Issue Plaintiff's Argument Defendant's Argument Held
Does NY law create a liberty interest to prove innocence with new DNA evidence? Newton: NY CPL §440.10/§440.30 confer such a liberty interest. City: statute provides only limited process; no freestanding constitutional right. Yes — New York law creates a liberty interest analogous to Alaska statute in Osborne.
Does Due Process require procedures to vindicate that liberty interest, and can municipal practices violate it? Newton: NY procedures are undermined by NYPD’s evidence-management custom/practice, so City deprived him of required process. City: McKithen forecloses §1983 challenge; state procedures are facially adequate; municipal negligence insufficient. Yes — State procedures must be fundamentally adequate; municipal policies can nullify them; jury evidence supported municipal liability for reckless/deliberate indifference.

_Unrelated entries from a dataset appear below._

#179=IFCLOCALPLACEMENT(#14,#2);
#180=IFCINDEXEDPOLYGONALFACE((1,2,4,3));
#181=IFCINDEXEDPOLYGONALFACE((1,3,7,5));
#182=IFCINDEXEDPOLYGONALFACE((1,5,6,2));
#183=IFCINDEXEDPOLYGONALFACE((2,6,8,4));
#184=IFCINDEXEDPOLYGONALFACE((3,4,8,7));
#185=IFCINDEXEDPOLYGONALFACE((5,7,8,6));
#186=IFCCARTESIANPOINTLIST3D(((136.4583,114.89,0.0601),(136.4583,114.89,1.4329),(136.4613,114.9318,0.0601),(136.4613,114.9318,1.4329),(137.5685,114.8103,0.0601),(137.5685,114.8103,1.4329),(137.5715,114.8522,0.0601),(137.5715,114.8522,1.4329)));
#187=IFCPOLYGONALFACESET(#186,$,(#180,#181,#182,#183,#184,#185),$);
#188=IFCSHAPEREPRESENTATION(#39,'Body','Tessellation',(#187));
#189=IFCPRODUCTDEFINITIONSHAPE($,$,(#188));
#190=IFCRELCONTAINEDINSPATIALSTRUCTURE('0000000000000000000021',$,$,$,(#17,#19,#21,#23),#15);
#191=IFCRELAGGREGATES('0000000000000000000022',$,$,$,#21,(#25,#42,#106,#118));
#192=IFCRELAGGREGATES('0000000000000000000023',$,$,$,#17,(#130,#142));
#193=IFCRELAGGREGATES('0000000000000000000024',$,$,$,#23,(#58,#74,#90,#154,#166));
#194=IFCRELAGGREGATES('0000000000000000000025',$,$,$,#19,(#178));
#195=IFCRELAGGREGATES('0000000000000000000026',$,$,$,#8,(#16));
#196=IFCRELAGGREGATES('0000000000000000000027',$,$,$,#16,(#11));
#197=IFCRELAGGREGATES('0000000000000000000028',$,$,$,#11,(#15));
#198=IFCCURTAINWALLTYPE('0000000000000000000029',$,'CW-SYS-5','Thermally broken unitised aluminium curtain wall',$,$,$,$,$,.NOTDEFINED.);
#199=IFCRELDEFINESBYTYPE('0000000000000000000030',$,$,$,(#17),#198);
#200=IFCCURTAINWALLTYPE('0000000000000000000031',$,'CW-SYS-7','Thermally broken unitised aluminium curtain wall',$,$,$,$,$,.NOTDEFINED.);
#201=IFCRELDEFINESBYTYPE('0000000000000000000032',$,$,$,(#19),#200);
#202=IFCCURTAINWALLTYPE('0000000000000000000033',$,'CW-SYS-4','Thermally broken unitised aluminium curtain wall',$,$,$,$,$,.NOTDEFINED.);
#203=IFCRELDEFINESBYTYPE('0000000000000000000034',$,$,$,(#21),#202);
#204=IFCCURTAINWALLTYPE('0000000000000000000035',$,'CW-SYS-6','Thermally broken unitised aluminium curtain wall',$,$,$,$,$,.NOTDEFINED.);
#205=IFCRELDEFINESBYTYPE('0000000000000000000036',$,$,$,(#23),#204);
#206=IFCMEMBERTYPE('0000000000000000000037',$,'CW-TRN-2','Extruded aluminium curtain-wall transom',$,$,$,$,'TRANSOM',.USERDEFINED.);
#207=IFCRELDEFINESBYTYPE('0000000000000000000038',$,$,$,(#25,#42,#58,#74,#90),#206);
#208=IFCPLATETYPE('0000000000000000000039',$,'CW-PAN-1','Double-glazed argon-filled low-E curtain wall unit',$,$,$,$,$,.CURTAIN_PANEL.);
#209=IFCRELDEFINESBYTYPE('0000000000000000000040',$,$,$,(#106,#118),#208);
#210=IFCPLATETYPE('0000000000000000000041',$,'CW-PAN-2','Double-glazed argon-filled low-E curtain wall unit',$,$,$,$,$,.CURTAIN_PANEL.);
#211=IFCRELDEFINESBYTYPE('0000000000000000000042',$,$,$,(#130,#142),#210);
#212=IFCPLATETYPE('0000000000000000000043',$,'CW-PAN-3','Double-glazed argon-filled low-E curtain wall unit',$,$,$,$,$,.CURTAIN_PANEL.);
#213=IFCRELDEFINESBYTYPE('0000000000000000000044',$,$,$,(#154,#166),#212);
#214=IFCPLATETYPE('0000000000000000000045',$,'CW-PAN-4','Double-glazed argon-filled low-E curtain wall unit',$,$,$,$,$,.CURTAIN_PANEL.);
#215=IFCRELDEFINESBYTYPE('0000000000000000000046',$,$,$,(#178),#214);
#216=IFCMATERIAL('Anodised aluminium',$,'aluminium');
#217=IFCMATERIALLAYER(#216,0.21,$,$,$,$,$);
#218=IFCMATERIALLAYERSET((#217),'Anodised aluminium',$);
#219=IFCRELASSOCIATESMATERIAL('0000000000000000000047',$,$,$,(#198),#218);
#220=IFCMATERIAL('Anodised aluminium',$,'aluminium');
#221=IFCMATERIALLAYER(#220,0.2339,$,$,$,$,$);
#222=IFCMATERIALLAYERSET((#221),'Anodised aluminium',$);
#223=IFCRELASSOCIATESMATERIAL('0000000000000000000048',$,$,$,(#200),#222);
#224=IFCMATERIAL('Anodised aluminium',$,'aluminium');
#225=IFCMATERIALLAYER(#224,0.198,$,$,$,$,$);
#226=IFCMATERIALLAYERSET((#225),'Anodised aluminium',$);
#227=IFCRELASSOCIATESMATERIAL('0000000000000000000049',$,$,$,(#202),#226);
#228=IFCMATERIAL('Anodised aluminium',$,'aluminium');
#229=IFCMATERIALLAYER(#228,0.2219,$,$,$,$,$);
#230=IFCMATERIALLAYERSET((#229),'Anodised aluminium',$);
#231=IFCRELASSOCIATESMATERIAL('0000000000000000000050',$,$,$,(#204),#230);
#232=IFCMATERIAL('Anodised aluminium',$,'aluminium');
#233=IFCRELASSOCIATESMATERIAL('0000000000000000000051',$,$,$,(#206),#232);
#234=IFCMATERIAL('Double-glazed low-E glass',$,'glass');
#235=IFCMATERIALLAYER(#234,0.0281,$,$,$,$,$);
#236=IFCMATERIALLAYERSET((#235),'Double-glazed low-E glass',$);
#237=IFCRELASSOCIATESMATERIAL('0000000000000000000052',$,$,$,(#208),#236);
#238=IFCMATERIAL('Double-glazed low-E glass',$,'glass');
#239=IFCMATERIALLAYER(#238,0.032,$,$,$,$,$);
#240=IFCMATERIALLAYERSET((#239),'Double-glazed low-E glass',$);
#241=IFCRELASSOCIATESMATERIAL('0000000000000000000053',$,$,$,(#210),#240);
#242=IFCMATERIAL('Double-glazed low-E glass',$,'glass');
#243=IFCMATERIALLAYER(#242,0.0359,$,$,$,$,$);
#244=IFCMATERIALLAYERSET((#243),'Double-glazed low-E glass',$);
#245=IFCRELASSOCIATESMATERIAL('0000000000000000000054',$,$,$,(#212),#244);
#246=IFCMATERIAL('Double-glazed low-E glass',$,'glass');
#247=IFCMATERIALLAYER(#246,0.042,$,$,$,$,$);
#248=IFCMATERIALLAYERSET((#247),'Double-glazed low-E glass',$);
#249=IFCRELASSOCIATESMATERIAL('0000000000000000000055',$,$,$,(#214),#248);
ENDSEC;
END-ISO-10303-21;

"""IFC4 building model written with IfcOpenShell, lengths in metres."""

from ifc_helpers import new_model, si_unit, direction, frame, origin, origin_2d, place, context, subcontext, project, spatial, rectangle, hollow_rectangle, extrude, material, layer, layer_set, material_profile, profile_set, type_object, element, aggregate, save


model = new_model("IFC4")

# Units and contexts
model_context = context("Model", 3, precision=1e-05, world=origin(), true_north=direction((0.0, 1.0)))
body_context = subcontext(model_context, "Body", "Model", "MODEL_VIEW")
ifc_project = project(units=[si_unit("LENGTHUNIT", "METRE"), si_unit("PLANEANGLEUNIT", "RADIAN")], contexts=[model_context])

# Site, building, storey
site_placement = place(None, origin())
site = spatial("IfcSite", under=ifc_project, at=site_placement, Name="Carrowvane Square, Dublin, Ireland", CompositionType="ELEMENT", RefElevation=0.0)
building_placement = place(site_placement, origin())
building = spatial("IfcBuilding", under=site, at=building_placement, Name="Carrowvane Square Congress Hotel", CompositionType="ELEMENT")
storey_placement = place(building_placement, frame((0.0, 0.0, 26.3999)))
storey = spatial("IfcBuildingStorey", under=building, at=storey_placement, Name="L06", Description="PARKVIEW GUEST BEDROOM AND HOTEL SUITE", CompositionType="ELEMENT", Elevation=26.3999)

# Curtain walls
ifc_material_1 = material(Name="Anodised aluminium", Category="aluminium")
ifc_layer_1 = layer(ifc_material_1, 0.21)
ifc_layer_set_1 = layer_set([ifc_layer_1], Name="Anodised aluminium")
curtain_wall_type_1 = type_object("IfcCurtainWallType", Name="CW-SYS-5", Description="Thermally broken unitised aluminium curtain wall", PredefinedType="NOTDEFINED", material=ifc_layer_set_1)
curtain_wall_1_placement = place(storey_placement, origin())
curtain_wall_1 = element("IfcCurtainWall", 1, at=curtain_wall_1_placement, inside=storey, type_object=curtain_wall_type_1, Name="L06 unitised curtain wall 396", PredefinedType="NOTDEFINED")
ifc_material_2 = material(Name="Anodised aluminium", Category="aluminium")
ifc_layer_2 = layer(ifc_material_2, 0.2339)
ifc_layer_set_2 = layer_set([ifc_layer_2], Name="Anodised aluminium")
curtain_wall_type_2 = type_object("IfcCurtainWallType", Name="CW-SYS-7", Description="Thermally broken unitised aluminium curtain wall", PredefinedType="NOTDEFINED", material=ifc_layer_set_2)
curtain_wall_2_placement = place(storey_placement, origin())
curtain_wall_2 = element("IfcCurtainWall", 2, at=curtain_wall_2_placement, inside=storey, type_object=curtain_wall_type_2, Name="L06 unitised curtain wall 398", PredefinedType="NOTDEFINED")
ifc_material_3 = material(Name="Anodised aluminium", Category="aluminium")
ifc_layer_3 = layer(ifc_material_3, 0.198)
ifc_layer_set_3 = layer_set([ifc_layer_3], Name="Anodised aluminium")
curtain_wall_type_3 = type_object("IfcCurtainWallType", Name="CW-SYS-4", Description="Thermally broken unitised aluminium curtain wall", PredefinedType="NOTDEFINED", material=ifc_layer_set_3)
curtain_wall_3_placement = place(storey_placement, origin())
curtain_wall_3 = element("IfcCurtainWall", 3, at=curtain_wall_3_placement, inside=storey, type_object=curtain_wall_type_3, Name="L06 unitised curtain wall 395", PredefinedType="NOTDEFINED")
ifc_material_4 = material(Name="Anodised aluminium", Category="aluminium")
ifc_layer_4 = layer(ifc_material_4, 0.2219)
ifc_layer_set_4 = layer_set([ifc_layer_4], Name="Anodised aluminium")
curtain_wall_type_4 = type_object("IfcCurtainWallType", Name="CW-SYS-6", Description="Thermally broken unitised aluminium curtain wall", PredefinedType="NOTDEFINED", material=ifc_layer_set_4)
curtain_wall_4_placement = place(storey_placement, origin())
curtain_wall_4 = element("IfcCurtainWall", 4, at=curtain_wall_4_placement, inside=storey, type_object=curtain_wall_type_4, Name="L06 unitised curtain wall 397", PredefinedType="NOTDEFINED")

Required state of mind for municipal liability under §1983 in this context Newton: showing municipal recklessness/deliberate indifference suffices. City: municipality must have acted intentionally (higher culpability). Recklessness/deliberate indifference is sufficient; jury finding of intent or reckless disregard was supported.

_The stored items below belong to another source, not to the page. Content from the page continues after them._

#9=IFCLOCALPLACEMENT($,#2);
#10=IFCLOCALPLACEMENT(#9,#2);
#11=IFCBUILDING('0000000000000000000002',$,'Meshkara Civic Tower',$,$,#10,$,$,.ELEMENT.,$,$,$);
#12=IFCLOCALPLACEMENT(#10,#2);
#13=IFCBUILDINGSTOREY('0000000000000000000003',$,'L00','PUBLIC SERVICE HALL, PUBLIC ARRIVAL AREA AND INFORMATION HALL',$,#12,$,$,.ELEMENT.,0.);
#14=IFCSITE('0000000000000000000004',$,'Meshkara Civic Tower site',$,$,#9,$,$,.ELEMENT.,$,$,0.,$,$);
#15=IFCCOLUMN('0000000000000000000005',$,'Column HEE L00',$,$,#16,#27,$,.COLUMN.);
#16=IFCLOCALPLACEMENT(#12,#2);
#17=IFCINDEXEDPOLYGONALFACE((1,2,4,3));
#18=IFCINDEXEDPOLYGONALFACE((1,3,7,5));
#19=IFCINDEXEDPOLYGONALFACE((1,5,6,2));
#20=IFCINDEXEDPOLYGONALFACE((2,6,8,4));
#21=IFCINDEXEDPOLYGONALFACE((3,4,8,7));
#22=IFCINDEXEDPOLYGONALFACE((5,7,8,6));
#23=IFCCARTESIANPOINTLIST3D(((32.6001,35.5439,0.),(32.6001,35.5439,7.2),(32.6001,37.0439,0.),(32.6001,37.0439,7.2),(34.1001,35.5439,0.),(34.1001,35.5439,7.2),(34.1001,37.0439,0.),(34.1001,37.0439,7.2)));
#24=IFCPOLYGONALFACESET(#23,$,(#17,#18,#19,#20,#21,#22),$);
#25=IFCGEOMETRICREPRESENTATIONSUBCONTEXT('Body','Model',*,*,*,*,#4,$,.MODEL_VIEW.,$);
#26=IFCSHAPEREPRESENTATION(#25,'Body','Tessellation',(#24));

Is Youngblood (bad-faith requirement for lost evidence) controlling? Newton: Youngblood not controlling because evidence existed and exonerated him; claim is about inability to locate, not failure to preserve. City: Youngblood requires showing bad faith to make a due-process claim. Youngblood does not bar Newton’s claim here; the case concerns inadequate accounting/retrieval, not an unexplained loss of potentially useful evidence.

Key Cases Cited

  • District Attorney’s Office for the Third Judicial Dist. v. Osborne, 557 U.S. 52 (Supreme Court) (state post-conviction statute can create liberty interest to prove innocence with new evidence)
  • McKithen v. Brown, 626 F.3d 143 (2d Cir. 2010) (facial challenge: New York’s post-conviction DNA procedures are facially adequate)

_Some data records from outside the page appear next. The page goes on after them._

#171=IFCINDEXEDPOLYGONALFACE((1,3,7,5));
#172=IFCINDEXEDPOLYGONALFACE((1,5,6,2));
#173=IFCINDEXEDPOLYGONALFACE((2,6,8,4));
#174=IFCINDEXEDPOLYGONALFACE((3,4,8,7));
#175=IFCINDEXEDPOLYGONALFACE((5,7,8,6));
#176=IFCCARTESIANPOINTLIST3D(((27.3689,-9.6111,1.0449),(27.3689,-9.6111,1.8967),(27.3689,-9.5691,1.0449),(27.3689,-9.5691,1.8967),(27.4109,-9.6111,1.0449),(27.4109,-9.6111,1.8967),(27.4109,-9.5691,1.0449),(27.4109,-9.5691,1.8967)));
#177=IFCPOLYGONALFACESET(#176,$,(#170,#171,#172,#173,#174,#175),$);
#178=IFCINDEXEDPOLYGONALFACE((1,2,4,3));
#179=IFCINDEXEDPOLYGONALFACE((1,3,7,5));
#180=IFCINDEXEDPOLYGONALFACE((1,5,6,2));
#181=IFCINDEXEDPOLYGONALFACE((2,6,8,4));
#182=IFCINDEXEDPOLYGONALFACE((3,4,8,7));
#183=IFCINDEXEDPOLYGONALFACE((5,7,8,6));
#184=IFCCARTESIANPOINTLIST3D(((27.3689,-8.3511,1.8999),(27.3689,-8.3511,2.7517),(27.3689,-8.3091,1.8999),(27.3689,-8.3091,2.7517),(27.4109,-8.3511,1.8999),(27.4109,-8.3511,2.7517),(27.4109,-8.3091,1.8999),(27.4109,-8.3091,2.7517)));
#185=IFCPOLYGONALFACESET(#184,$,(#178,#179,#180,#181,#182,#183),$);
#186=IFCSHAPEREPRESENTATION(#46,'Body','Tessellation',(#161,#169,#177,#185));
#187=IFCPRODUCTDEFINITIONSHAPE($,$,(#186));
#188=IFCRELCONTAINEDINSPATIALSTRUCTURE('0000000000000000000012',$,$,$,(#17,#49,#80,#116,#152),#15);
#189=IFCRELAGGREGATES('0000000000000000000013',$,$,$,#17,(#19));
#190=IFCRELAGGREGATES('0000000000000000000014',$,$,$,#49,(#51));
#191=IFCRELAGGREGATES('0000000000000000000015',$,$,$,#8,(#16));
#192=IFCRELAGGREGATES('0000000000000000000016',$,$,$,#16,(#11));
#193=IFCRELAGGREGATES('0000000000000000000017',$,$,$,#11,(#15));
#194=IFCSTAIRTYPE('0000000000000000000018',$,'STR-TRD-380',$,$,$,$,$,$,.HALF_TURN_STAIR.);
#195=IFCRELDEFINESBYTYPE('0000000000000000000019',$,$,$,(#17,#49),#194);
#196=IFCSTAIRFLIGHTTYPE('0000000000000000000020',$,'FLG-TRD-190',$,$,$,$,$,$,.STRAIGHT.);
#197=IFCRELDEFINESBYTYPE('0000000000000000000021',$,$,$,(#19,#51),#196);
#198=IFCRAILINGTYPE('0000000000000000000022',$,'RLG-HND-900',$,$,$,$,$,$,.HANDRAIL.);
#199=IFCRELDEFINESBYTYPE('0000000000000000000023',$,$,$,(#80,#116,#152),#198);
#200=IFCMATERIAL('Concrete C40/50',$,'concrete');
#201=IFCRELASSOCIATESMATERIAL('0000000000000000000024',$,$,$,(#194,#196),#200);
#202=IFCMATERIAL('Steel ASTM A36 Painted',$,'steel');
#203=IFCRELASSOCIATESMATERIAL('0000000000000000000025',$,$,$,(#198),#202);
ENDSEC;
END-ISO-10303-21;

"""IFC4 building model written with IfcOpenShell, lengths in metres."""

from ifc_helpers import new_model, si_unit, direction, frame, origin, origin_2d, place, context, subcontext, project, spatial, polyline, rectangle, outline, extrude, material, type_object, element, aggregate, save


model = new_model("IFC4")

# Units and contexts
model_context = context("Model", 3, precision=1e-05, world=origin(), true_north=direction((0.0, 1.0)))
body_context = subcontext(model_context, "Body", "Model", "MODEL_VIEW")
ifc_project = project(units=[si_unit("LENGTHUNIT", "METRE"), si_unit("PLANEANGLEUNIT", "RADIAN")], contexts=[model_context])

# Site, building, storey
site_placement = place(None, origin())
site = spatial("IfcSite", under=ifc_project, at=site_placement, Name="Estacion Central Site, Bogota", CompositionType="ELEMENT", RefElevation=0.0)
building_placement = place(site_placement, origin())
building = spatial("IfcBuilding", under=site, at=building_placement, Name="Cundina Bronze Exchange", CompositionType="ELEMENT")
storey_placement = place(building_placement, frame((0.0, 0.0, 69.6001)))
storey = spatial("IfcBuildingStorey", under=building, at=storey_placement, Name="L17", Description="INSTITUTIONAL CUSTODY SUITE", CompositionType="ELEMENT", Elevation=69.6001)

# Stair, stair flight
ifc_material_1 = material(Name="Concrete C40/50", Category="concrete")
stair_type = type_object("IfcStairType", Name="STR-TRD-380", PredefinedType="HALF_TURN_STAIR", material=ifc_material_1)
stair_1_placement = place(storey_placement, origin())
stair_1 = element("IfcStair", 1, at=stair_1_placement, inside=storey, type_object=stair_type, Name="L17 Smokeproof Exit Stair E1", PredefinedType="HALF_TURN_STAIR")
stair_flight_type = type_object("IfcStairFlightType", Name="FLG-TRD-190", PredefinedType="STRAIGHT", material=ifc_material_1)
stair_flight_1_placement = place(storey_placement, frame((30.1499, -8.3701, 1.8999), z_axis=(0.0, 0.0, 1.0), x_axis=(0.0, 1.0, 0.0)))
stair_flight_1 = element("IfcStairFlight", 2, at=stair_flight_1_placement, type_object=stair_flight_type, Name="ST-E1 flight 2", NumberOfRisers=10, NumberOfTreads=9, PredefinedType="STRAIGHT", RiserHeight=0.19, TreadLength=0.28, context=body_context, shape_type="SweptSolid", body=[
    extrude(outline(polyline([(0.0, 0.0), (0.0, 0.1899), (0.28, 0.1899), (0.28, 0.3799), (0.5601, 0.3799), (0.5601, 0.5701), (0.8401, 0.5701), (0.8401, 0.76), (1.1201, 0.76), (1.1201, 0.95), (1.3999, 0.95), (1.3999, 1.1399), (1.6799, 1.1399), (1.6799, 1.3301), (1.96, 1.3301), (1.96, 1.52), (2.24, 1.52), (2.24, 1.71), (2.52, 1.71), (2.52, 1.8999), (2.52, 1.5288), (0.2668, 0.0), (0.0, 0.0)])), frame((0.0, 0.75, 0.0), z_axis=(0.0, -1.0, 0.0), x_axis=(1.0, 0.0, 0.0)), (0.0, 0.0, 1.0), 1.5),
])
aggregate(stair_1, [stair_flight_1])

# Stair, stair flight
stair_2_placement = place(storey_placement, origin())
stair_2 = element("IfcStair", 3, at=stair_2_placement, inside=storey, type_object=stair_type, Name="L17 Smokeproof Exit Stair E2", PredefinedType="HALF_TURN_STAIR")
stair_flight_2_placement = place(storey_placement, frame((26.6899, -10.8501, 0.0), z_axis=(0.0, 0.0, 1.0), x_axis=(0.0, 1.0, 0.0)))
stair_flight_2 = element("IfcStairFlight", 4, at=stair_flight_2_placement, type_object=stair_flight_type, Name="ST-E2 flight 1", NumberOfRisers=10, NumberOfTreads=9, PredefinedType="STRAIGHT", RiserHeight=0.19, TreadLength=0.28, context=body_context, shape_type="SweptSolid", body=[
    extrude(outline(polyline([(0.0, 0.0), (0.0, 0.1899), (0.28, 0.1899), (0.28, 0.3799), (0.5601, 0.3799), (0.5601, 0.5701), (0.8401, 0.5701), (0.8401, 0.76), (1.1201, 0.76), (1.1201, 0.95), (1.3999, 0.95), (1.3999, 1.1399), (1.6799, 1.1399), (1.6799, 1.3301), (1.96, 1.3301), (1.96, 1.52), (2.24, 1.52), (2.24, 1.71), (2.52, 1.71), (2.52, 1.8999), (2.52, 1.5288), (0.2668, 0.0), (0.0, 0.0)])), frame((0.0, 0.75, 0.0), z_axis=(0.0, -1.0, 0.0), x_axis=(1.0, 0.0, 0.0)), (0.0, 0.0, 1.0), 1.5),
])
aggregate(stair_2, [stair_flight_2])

  • Bd. of Cnty. Comm’rs of Bryan Cnty. v. Brown, 520 U.S. 397 (Supreme Court) (municipal liability requires a policy/custom causing the constitutional violation)
  • Arizona v. Youngblood, 488 U.S. 51 (Supreme Court) (absent bad faith, failure to preserve potentially useful evidence is not a due-process violation)
  • Medina v. California, 505 U.S. 437 (Supreme Court) (deferential standard for process due in criminal-procedure contexts)
Read the full case

Case Details

Case Name: Newton v. City of New York
Court Name: Court of Appeals for the Second Circuit
Date Published: Feb 26, 2015
Citation: 779 F.3d 140
Docket Number: Docket No. 11-2610-cv
Court Abbreviation: 2d Cir.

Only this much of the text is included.